Because the region was at a cultural crossroads, the art of the Gandhāran Buddhists was a fusion of Greco-Roman, Iranian and Indian styles. Initially, Buddhist art was aniconic, but Greco-Roman influences led to the emergence of anthropomorphic depictions of the Buddha in the 1st century CE. The height of this artistic style was during the Kushan Empire. Many examples of Gandhāran Buddhist sculpture have been found, showing the influence of Greco-Roman sculpture.

Gandhāran architecture can be divided into four major phases:

- Phase I (ca. 200 BCE – middle 1st century CE), characterized by sacred structures in and around Sirkap, Butkara I and the earliest remains of the Dharmarajika complex. This phase pre-dates the popularization of Buddha images.
- Phase II (ca. middle to late 1st century CE to early 3rd century CE) – Characterized by the expansions of Butkara I and Dharmarajika complex by the addition of stupas, relic shrines and monasteries.
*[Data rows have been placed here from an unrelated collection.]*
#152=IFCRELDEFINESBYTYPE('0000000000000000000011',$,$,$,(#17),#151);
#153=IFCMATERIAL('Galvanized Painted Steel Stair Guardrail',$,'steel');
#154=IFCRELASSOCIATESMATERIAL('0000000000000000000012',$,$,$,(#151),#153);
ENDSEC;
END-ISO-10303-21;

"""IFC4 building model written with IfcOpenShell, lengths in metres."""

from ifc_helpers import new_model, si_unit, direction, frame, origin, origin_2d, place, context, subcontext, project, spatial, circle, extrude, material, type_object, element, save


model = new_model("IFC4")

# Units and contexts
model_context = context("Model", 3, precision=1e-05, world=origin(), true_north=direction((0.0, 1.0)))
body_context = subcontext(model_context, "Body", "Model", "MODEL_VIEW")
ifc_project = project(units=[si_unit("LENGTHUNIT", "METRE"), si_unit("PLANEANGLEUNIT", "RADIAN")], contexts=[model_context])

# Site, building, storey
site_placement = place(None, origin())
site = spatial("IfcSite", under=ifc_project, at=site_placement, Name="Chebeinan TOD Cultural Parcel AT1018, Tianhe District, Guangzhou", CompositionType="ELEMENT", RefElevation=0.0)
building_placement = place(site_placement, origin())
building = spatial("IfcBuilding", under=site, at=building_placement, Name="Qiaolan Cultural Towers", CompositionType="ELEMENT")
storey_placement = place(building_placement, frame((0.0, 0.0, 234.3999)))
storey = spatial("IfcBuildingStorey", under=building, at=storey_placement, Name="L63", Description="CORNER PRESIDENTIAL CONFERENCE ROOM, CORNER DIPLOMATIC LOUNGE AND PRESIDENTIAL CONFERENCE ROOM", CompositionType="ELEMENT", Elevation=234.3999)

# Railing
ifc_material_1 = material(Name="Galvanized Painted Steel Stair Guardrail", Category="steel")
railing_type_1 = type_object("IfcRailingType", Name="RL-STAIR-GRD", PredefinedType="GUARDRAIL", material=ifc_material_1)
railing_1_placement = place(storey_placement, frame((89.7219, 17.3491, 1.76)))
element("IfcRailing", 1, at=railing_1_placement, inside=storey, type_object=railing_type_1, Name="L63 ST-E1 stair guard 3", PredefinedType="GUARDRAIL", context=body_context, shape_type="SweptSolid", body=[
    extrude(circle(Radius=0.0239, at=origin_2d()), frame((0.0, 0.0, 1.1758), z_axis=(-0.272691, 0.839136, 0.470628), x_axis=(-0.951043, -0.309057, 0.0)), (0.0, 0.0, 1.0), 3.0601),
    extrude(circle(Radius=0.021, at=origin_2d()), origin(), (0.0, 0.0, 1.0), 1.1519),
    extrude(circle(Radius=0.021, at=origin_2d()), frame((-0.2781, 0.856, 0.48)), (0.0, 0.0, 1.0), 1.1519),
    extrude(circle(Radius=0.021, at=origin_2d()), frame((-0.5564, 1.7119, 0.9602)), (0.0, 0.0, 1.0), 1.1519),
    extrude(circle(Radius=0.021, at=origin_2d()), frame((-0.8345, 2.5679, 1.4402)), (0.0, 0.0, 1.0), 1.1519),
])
Narrative reliefs on the biography of the Buddha are central to this phase, which include anthropomorphic images of the Buddha.
- Phase III (early 3rd century CE to late 5th century CE), a period of great prosperity, the phase I and II sites are enlarged and modified. A focus on devotional images of Buddhas and Bodhisattvas and the shrines to house them can also be seen, and towards the end of this period, monumental imagery appears (some more than 11m high). Stupas became embellished with rows of Buddhas and Bodhisattva statues.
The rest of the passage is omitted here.